Charly- That looks amazing. Any idea on how much it might make?


----------



## Charly (Feb 20, 2010)

Caitedid,

SO sorry, but I don't know how much it makes, but I know it makes a lot. I always share with friends and family. 

If you decide to can some before I do, let me know how much you got


----------



## Vickie44 (Jul 27, 2010)

I have the same recipe but you use orange juice instead of water and alot less vinegar.


----------



## Caitedid (Jun 2, 2004)

Charly- Made it tonight, 1/2 recipe yielded 3 pints and a smidge. Will make at least a double batch tomorrow for Friends-giving and canning. Amazingly delicious, added some ginger and orange zest, think the rosemary sounds great too. Thanks again!


----------



## Charly (Feb 20, 2010)

Caitedid,

So glad you liked it. Also, VERY glad to know the yields. Can't wait to make it again. The zest sounds good too.


----------



## Horseyrider (Aug 8, 2010)

Charly, I need a clarification.

I'm looking at your spices, and it says "2/3 T cinnamon." Is your "T" for tablespoon? Or for teaspoon? (I usually do a capital T for tablespoon, and a lower case t for teaspoon.)

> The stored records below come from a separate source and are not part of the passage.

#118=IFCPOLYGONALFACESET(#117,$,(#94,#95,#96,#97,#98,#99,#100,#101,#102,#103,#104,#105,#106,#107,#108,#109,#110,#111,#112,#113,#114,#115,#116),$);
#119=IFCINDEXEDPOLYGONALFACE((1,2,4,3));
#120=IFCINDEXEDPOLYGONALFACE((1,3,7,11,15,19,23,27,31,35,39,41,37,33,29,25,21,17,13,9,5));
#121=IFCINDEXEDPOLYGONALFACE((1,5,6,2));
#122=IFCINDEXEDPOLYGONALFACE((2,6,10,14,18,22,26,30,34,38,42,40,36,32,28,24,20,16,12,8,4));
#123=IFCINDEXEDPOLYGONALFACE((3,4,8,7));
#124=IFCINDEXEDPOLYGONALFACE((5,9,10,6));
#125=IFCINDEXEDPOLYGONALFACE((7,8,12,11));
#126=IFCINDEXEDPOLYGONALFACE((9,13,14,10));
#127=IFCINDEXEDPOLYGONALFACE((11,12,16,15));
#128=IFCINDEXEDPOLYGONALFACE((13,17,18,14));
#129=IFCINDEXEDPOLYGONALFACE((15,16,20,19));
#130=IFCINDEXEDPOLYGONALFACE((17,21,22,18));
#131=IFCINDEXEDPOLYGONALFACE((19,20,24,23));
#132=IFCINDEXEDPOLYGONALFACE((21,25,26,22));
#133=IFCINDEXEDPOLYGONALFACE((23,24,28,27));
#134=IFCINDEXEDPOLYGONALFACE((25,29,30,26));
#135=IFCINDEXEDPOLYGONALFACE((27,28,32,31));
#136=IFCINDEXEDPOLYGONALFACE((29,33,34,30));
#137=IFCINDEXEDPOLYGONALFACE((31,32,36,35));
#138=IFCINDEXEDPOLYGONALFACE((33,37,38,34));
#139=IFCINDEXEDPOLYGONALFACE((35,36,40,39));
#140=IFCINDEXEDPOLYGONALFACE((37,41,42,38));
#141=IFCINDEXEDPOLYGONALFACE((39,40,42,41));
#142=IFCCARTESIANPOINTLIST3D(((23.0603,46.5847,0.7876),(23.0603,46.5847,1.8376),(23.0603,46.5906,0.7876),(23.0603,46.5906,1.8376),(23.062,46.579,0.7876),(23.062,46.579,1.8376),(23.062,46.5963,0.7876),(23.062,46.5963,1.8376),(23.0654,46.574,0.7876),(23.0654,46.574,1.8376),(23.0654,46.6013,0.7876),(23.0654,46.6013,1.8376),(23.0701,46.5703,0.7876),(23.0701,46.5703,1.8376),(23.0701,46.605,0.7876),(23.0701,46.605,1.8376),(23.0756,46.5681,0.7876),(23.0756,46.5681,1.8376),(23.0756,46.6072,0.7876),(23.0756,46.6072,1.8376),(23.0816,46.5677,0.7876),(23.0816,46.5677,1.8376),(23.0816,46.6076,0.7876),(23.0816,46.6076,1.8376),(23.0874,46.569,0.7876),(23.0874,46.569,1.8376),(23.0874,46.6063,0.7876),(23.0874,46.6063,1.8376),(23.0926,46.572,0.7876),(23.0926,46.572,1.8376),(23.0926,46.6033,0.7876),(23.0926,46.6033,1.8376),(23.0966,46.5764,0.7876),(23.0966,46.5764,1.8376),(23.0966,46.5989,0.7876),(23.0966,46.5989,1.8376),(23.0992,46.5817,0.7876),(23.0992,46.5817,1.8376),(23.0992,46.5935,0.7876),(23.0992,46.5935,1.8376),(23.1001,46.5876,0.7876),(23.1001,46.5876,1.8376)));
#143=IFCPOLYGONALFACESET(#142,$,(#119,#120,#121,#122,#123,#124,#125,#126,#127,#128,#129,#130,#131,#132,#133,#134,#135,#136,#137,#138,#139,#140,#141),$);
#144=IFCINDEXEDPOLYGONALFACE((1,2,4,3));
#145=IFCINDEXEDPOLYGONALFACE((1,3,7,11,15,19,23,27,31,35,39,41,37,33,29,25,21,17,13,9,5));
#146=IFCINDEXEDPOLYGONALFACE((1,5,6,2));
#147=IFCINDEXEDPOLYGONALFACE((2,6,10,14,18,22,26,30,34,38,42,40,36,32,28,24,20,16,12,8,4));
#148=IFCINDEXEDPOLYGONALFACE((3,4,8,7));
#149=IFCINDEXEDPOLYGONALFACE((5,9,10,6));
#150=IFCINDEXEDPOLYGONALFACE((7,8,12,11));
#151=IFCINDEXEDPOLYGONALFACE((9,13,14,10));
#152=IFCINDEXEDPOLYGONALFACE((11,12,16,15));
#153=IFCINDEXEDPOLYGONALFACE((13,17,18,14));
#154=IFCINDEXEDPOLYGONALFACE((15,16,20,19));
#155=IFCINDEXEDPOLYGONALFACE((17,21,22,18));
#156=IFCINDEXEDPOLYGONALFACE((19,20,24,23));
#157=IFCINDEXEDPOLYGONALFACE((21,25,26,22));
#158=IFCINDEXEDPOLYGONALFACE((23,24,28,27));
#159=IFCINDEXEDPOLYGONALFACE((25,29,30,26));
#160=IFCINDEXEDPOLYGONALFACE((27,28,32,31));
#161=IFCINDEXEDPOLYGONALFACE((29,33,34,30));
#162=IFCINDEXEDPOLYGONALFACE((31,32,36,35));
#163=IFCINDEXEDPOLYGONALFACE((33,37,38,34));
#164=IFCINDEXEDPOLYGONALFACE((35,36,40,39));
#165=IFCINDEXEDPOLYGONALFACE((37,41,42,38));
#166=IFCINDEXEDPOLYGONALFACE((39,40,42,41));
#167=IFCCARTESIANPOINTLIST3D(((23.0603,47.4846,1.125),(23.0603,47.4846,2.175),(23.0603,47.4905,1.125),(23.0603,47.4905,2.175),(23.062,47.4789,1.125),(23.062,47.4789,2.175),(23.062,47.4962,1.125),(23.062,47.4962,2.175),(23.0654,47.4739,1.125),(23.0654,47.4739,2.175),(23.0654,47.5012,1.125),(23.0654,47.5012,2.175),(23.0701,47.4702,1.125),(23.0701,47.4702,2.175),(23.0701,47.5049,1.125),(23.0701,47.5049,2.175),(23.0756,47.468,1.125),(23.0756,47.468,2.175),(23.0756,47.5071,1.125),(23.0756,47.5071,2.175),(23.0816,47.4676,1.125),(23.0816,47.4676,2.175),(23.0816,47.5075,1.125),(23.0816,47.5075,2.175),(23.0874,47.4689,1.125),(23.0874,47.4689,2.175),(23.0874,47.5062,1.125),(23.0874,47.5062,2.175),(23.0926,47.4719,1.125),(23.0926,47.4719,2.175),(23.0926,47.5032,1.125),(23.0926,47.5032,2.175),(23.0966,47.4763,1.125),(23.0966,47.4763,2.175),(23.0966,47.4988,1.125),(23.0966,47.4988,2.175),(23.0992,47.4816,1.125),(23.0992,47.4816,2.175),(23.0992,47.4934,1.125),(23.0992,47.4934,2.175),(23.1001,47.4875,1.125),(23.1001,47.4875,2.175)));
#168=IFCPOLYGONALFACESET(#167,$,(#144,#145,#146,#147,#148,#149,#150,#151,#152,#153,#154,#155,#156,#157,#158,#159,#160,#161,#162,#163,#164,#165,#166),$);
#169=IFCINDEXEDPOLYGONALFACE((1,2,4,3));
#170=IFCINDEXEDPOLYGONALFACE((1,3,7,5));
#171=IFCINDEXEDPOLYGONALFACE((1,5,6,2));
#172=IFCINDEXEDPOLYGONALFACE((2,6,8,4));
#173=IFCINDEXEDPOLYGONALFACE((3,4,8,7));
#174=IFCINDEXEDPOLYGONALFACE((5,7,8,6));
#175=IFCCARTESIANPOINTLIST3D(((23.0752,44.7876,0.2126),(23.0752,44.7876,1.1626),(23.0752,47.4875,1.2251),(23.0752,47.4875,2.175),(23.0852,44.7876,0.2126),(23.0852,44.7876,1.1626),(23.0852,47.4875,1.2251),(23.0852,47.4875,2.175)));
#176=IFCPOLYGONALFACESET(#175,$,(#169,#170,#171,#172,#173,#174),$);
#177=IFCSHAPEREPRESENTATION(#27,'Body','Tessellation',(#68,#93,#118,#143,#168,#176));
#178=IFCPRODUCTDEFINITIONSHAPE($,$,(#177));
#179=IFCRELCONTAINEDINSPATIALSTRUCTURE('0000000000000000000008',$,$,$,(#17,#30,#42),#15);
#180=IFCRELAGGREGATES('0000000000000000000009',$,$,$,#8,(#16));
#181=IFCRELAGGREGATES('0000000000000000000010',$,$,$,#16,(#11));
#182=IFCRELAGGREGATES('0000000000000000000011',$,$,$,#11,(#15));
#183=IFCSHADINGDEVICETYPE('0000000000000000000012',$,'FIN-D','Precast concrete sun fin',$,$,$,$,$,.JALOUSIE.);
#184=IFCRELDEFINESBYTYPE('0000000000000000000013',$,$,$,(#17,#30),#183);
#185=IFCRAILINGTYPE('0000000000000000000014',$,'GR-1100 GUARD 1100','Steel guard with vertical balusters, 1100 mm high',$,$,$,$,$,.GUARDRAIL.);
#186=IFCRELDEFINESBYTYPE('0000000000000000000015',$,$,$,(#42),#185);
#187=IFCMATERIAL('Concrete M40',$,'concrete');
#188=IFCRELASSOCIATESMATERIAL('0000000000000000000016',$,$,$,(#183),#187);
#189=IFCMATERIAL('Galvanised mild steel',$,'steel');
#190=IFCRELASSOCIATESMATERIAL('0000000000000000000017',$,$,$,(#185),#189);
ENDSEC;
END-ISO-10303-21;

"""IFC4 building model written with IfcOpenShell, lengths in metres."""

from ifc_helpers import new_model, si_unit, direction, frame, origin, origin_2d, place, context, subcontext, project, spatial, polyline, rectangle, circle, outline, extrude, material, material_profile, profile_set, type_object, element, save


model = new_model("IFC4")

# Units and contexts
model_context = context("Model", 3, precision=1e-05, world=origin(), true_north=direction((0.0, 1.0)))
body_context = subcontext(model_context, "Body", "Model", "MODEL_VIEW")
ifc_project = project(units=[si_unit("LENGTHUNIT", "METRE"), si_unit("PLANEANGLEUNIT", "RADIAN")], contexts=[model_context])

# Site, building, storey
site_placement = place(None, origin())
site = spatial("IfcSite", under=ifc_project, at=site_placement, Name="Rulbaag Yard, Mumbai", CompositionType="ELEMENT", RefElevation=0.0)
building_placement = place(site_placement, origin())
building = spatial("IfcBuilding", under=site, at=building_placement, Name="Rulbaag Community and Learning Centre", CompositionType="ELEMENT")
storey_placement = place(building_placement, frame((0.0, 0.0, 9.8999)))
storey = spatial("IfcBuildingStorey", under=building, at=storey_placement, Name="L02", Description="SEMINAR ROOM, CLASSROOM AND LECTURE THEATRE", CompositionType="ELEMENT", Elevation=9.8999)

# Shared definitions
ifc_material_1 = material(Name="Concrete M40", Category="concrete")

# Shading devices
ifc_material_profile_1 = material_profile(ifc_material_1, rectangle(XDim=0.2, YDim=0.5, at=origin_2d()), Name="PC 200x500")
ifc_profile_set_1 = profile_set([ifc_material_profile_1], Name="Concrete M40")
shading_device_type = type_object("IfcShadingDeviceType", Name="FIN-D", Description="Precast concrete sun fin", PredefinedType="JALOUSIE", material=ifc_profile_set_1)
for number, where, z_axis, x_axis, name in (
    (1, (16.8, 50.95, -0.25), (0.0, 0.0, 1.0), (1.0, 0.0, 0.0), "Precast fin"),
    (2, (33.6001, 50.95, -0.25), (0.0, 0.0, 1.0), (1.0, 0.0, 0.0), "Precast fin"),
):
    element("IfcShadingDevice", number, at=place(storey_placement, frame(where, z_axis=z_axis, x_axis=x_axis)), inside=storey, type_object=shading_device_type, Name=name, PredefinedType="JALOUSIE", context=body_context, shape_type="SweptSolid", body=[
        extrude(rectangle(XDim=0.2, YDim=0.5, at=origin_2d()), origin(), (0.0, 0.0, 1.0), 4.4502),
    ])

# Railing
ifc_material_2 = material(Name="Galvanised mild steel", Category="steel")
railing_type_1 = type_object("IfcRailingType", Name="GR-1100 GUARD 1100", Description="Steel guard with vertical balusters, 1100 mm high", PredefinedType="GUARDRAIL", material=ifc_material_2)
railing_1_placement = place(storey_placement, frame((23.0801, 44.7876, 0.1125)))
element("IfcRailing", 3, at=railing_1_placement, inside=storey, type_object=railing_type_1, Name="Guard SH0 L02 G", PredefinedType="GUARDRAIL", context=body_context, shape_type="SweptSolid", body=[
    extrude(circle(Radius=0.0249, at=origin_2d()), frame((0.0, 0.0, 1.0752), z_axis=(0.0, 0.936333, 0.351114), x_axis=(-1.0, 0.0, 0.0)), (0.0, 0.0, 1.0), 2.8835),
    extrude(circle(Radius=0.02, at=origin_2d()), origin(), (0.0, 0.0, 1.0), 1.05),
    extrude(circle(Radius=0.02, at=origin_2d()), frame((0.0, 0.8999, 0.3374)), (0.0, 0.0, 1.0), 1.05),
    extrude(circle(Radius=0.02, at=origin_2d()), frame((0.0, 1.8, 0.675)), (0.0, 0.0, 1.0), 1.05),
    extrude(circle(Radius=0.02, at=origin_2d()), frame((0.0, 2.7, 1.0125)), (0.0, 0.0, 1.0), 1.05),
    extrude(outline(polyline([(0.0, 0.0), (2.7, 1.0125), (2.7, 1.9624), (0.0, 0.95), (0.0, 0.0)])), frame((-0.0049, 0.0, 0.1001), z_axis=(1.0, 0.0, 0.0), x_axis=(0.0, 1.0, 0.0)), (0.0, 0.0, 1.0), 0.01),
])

If it's tablespoon, do you mean two thirds of a tablespoon? Or two to three tablespoons? 

If it helps any, there are three teaspoons in a tablespoon; so if it's two thirds of a tablespoon, then it's two teaspoons.

Just tryin' to get it like you mean it.


----------



## BackfourtyMI. (Sep 3, 2007)

Thanks Charly for the recipe! I'm not going to can any right now but want to try it for Thanksgiving & Christmas. I also think I will use the orange Zest & Ginger like caitedid did.


----------



## Caitedid (Jun 2, 2004)

Charly- I have a triple batch going in the big pot right now to be canned this afternoon. Makes the house smell amazing, plus it goes perfectly with the meat we direct market. Thanks again!


----------



## Charly (Feb 20, 2010)

Horseyrider, It is T = Tablespoon. Thanks for giving the t (teaspoon) equivalents. This is how I received the recipe years ago. 

Glad you folks are enjoying it. I am now craving the taste/smell. Have to get my cranberries and try canning it myself this year.


----------



## Horseyrider (Aug 8, 2010)

Thanks so much, Charly! Your cranberry relish is on the agenda for this afternoon.


----------



## Horseyrider (Aug 8, 2010)

Hey, perhaps this will be helpful to someone.

I notice you said that this recipe will foam up. I have mine in the pan now and it's not foaming at all. I'm wondering if it's the sugar.

I found a bunch of years back that if I use cane sugar for jams and jellies, I get almost no foam. Sugar made from beets foams up a lot for me.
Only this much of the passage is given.